The root cause of cheating in a relationship might not be as facile as we think. There can be several reasons behind a person cheating in their relationship. There could be some really surprising reasons that drive someone to break the trust of the person whom he/she once loved deeply.
Although perspectives around cheating seem to be very black and white, the reasons why people cheat are really not so clear.
Many cheaters are seen as horrible people, people who are willing to destroy their relationship so that they can have sex with someone else. They are commonly seen as degenerates, lacking morals and ethics.
While straying from a relationship is often a mistake, people who cheat aren’t always people of low moral character. They are people whose life experience has set them up for straying.
Understanding the 5 surprising reasons why people cheat might help you understand why your partner might have cheated and why cheating is so prevalent in our culture.
1. Their parents did it.
One of my clients went into her marriage with her eyes wide open. Both of her parents cheated and it had destroyed their family. She remembers vividly the yelling and the screaming, the sneaking around, the knowing glances at family parties, the general feeling of anger and distress that existed in their household.

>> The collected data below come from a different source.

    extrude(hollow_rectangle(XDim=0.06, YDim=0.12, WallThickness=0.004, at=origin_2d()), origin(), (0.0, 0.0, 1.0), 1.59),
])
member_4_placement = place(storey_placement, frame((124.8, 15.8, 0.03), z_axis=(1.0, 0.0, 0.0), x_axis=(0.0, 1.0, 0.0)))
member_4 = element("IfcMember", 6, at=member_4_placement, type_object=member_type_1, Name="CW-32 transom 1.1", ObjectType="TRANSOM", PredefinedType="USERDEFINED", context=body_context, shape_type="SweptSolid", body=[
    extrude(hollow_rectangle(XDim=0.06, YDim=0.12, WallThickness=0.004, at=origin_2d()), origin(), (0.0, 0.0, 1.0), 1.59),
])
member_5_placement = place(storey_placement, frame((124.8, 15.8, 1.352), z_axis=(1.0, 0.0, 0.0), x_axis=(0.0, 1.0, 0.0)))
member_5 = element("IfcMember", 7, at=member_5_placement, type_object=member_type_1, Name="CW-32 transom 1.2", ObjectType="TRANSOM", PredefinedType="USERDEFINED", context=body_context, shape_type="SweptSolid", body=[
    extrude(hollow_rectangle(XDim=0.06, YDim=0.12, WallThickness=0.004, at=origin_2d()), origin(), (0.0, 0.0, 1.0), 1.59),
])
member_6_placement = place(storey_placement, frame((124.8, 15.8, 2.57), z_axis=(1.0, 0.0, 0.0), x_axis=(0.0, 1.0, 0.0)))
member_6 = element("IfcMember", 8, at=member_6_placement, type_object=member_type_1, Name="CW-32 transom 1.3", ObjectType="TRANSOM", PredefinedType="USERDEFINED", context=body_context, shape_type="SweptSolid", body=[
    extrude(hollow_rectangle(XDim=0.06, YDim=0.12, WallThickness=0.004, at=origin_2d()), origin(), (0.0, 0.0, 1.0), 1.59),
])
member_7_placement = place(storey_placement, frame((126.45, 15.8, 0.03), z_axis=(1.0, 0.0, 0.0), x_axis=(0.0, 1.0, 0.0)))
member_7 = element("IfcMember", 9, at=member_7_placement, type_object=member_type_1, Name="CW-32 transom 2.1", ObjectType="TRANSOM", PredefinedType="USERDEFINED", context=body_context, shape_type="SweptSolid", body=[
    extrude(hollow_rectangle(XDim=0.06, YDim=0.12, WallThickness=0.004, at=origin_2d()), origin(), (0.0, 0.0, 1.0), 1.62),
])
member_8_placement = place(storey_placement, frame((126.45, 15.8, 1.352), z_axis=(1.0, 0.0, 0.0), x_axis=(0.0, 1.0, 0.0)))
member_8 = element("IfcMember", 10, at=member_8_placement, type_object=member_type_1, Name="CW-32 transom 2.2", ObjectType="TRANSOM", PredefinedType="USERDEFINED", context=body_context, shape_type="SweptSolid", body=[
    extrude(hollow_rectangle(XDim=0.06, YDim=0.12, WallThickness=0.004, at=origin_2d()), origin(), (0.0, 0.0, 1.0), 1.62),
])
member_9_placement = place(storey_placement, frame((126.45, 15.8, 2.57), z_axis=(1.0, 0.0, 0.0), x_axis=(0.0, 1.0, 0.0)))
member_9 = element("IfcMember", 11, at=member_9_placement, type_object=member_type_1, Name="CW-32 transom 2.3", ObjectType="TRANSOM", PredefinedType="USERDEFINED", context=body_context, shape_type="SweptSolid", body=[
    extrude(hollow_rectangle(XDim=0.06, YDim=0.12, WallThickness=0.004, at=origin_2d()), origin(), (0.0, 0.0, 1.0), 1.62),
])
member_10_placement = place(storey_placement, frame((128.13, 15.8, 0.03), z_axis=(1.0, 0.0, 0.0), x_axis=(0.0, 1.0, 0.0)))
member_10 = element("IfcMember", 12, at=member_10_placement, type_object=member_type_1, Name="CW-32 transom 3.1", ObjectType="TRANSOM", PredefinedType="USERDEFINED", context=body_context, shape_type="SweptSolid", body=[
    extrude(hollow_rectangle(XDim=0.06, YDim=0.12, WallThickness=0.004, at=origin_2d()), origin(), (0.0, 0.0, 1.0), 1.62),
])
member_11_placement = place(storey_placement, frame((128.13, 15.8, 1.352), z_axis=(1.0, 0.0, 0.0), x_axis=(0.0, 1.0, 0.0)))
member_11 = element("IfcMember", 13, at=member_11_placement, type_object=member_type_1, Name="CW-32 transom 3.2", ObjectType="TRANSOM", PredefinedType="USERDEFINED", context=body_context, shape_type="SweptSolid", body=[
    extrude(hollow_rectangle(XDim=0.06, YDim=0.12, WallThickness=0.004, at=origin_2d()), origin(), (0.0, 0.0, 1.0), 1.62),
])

She was determined to not have that happen in her marriage. 10 years into her marriage, she found herself miserable. She was trying to accept that her love and sex life was over and she was really struggling with it. And then, one day, she met a man at the bulk-food section in the local natural food store and everything changed.
Within months, my client was having an affair with her bulk food guy. They were spending as much time together as they could, talking about things that they cared about and having the most amazing sex they had ever had.

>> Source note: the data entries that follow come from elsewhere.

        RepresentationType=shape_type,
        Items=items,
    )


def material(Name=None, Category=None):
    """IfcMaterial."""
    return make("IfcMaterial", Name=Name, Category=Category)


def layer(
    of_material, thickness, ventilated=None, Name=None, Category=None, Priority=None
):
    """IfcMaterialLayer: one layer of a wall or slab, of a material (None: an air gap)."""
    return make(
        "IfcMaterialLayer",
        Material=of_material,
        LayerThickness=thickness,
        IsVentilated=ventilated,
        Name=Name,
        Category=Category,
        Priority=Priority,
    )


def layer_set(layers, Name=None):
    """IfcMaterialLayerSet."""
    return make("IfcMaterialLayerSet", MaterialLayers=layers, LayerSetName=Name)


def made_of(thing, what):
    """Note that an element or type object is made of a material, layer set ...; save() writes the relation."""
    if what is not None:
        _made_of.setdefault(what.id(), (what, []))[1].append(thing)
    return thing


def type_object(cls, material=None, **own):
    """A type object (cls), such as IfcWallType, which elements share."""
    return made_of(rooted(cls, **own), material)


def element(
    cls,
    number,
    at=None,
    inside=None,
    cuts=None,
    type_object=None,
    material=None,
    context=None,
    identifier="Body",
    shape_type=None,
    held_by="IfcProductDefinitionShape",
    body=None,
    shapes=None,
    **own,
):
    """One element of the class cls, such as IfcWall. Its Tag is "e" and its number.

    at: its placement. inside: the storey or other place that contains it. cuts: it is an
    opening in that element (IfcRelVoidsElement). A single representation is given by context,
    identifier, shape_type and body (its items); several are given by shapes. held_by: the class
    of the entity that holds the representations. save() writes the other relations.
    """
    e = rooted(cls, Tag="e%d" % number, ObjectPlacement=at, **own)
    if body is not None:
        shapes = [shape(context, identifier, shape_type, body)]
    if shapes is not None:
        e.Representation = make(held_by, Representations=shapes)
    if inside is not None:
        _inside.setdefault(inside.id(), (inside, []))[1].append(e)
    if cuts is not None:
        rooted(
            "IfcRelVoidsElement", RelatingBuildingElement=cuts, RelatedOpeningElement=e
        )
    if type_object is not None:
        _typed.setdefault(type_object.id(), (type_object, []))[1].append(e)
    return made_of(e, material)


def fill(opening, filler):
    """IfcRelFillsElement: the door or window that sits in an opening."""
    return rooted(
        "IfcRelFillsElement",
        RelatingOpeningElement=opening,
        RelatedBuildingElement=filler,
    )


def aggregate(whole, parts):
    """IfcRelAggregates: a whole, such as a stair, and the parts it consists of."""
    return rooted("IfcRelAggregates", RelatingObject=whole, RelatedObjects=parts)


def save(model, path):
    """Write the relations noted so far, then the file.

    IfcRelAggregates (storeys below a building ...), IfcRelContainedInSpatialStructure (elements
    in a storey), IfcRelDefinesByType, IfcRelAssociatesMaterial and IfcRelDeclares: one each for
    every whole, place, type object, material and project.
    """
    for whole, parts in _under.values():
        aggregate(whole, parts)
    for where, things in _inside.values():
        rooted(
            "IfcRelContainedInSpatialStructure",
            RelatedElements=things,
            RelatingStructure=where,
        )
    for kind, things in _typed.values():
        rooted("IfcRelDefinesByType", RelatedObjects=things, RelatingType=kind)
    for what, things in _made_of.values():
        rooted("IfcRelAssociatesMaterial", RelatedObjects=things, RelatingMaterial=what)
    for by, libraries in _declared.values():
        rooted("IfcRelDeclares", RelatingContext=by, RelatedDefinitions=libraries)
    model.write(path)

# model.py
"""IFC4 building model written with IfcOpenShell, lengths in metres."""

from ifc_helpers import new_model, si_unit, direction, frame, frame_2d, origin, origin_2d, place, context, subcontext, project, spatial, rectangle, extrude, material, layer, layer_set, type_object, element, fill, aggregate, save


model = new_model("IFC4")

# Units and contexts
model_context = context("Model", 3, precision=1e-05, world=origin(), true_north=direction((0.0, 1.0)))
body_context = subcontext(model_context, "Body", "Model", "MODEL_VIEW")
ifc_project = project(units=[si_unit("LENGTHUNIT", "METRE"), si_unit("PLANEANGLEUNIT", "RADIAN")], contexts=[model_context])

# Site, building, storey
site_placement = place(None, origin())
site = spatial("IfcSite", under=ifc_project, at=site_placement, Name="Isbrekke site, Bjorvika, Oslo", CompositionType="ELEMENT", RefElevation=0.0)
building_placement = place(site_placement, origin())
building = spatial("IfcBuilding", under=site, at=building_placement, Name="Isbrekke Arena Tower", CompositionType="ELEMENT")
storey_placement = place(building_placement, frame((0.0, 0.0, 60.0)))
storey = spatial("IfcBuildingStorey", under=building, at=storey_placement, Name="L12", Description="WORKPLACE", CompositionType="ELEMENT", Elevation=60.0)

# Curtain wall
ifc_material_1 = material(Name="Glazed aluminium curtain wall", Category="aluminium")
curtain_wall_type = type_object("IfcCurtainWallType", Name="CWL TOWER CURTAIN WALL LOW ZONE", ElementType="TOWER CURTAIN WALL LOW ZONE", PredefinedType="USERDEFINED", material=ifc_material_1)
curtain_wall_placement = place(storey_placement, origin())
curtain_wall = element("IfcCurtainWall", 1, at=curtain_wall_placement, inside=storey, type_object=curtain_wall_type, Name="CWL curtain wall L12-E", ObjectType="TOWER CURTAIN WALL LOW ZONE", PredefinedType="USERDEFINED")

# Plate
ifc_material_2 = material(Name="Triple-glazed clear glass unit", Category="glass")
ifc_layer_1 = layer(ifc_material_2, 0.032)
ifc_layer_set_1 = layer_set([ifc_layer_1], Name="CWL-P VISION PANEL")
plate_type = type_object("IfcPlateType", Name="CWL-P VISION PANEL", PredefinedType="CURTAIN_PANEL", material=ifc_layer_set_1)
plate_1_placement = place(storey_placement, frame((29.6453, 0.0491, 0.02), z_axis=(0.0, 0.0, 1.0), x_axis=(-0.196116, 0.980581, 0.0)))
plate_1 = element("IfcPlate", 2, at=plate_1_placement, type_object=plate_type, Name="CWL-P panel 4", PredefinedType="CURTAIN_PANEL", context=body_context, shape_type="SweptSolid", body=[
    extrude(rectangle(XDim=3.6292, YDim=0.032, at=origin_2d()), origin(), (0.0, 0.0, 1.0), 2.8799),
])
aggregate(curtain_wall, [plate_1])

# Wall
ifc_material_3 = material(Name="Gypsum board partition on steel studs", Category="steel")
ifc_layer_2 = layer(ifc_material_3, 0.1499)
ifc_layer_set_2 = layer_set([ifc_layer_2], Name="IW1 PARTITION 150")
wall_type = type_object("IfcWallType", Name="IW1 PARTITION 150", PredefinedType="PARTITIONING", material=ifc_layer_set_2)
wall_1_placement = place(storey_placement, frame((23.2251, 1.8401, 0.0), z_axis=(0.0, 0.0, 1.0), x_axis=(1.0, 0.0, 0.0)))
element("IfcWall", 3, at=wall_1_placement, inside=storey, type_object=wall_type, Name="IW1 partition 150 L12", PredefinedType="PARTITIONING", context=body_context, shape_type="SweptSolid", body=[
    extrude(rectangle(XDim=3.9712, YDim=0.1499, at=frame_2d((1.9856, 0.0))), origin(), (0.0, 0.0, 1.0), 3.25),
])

One day, my client paused and realized that she was doing exactly what her parents had done. And she was mortified. History had repeated itself without her even noticing.
2. They are trying to sabotage their relationship.
Many people are stuck in relationships that they hate, relationships that started out so well and devolved into chaos.
Perhaps the relationship lacks respect and is full of contempt. Perhaps the sex has dried up. Perhaps there is nothing but fighting. Perhaps they hate each other to the extent they can’t even spend a moment with each other.
For many people, these kinds of toxic relationships are untenable but they are also relationships that they just can’t get out of. Whether it’s because they are scared to leave or because they are being controlled by the other person, escaping from this relationship seems impossible.
As a result, they see having an affair as an excellent way to sabotage their relationship. They know that, when their person discovers their cheating, they will either kick them out or leave. They know that their person will no longer want to look at them, knowing they have had sex with someone else. They know that there is no way their relationship will ever survive infidelity.
So, instead of facing the issues in their relationship and trying to get out of it in a healthy way, one of the reasons why people cheat is because they think it will help them get out of the toxicity that they are forced to live with every day.
Read: 8 Ways We Sabotage Love
3. They are trying to save their relationship.
I had a client once whose therapist told her that her affair had actually saved her marriage. For years, my client did not get the emotional support that she needed from her husband. They were excellent managers of their household, very good parents, their finances were strong, and, generally, they were happy.
But my client was dissatisfied. She knew that something was missing in her marriage, something that her husband just wasn’t able to provide.
When she started having an affair, those emotional needs started to be satisfied. While she thought she would never be able to love or have sex again, suddenly she was having tremendous amounts of both, and while this did fill her with guilt, it also allowed her to get what she needed in her life without leaving her marriage and destroying her family.
Another way that people see cheating as a way to save a relationship is because they see it as a wake-up call, that if their partner knows that they cheated they will see all they have to lose and step up to improve the relationship. I know it seems counter-intuitive but I have sometimes seen just that happen.
So, instead of directly addressing the issues in their relationship, people sometimes cheat hoping it will fix things!